The Tale of Kiddie Katydid

Chapter 2

Chapter 24,277 wordsPublic domain

He was pondering over his difficulty, which bothered him not a little, when a terrific croaking from the direction of the swamp reached his ears. It was the final chorus of the Frog family's nightly singing party. And it promptly put an idea into Freddie Firefly's head.

"I'll hurry right over there and speak to Mr. Frog, the well-known tailor," he said to himself. "He knows old Mr. Crow. He sees him almost every day.

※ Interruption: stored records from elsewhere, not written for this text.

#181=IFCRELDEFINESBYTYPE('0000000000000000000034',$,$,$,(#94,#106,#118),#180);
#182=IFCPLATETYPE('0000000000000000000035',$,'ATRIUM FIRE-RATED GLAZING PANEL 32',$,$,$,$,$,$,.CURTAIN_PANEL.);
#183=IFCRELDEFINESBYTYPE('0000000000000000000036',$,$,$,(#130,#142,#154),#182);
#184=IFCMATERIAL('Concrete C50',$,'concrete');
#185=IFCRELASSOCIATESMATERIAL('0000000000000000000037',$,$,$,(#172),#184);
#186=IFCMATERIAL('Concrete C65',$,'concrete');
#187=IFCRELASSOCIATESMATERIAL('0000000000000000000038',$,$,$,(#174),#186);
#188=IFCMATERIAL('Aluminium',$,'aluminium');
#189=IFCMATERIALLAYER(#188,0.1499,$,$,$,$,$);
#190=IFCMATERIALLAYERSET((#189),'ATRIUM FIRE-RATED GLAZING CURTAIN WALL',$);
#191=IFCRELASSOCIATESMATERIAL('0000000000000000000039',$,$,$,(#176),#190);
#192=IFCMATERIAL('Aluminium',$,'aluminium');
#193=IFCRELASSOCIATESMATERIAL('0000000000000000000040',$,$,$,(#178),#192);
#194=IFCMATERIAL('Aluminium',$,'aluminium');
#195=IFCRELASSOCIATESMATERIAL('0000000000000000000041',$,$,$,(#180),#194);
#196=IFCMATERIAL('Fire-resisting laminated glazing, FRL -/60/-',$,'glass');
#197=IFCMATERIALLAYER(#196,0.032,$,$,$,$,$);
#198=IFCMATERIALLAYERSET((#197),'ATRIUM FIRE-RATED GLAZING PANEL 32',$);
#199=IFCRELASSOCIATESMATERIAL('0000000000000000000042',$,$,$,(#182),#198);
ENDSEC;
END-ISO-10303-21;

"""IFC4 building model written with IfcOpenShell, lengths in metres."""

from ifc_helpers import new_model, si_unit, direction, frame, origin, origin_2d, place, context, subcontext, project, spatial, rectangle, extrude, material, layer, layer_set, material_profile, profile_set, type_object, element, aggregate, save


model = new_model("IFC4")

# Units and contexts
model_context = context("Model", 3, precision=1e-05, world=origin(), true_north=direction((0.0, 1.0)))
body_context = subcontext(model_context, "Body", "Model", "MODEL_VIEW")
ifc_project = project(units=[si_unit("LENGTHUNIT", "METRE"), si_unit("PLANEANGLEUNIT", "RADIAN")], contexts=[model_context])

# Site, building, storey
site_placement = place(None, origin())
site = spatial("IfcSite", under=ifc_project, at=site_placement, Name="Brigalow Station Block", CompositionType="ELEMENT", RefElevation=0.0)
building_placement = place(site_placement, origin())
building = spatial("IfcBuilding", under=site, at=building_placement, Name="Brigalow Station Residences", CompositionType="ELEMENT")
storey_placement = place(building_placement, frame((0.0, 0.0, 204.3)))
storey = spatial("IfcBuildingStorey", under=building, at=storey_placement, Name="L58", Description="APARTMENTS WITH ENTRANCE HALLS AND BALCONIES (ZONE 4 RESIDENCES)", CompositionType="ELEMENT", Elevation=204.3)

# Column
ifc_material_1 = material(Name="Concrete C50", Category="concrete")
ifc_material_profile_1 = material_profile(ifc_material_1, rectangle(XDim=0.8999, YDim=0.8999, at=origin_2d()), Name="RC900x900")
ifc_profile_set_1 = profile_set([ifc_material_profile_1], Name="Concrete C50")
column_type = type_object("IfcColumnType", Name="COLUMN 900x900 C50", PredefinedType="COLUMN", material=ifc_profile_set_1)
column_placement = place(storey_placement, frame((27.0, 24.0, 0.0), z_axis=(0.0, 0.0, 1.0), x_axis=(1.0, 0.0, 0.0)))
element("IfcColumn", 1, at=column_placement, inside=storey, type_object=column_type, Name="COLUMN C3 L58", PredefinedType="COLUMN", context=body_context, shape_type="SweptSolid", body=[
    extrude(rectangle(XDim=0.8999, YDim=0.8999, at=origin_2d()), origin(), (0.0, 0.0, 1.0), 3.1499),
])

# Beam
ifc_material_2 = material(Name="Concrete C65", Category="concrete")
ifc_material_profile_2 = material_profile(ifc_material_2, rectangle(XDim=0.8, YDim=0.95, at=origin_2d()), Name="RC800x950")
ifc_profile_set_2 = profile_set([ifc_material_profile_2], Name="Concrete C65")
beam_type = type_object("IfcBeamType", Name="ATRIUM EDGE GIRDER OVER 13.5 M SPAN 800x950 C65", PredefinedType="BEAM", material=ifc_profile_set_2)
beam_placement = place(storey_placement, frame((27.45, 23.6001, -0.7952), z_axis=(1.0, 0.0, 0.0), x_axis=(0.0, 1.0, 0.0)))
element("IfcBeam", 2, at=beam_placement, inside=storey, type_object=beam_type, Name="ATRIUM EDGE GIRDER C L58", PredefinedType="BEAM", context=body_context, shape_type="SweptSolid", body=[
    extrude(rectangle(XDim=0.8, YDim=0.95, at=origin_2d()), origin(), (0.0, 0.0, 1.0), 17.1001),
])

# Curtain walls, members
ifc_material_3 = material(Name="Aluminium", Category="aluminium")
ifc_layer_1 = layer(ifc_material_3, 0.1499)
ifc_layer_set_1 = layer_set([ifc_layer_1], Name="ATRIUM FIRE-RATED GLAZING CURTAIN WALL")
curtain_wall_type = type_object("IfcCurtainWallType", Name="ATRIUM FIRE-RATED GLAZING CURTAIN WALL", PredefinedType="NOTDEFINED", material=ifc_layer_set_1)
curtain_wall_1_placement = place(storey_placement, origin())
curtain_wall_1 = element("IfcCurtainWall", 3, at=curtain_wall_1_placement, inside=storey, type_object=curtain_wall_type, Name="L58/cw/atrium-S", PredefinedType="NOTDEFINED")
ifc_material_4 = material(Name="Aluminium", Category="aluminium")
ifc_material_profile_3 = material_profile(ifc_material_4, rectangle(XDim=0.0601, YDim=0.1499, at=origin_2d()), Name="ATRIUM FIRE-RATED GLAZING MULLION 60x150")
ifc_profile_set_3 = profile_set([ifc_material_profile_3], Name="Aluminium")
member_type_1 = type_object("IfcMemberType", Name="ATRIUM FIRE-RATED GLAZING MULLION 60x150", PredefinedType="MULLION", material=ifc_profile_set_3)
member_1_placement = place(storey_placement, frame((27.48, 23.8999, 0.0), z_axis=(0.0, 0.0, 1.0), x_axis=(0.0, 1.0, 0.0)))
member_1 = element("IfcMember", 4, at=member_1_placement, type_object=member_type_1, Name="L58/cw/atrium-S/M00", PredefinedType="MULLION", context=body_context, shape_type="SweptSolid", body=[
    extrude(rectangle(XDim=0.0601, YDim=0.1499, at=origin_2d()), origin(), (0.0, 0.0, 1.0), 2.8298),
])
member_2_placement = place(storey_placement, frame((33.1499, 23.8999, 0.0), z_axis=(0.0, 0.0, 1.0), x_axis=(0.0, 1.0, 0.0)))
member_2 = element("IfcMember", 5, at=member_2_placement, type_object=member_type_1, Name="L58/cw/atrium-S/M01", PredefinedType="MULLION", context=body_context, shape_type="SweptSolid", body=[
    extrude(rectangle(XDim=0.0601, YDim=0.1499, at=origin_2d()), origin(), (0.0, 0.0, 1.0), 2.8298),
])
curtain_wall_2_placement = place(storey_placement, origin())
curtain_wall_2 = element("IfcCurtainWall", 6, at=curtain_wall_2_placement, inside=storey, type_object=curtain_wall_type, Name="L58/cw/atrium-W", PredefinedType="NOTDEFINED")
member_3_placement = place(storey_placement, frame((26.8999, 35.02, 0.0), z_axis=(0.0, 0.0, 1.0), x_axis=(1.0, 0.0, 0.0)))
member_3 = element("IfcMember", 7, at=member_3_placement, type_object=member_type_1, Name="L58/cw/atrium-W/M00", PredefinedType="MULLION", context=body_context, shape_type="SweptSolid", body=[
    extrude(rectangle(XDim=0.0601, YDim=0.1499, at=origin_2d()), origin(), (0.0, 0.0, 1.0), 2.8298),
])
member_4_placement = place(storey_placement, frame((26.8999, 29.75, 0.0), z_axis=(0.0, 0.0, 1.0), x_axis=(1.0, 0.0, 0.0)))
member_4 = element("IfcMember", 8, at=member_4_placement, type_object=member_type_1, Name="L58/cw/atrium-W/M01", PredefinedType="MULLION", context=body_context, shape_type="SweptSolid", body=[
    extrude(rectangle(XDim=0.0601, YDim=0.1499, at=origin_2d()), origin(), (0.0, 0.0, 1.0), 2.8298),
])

And he'll be glad to give the old gentleman a message."

VIII

SPREADING THE NEWS

When Freddie Firefly reached the swamp he found that the singing party had already broken up. But luckily, Mr. Frog the tailor was the last one to leave. He was still poised on the bank of the sluggish stream, ready to plunge into the water and swim away, when Freddie Firefly dropped down upon a cat-tail and called him by name, flashing his light frantically so that Mr. Frog would be sure to notice him.

"Wait a moment!" cried Freddie. "I've something to say to you!"

"Out with it, then!" said Mr. Frog. "My time is valuable, you know. I ought to be back in my shop this moment; for I promised Paddy Muskrat I'd make him a policeman's uniform by to-morrow morning. And I haven't begun it yet."

"Why not?" asked Freddie, forgetting--for the moment--his own errand.

"He wants brass buttons," explained the tailor. "And I couldn't get any until to-night."

"But couldn't you go ahead without them?" Freddie Firefly inquired.

"Certainly not!" replied Mr. Frog. "I see you don't know much about making a policeman's suit. You start by laying the buttons in a row on the ground; and then you sew the cloth onto them.... That's my own invention--that method," he added with an air of pride. "And now, what was it you wanted to say to me?"

"I don't believe there's any use of my telling you, after all," Freddie Firefly replied. "You're going to be so busy that you won't have time to do an errand for me. I wanted you to give Mr. Crow a message."

"Yes--I'll be altogether too rushed to bother with it," said Mr. Frog. "I expect to be on the jump all night--and most of to-morrow, too."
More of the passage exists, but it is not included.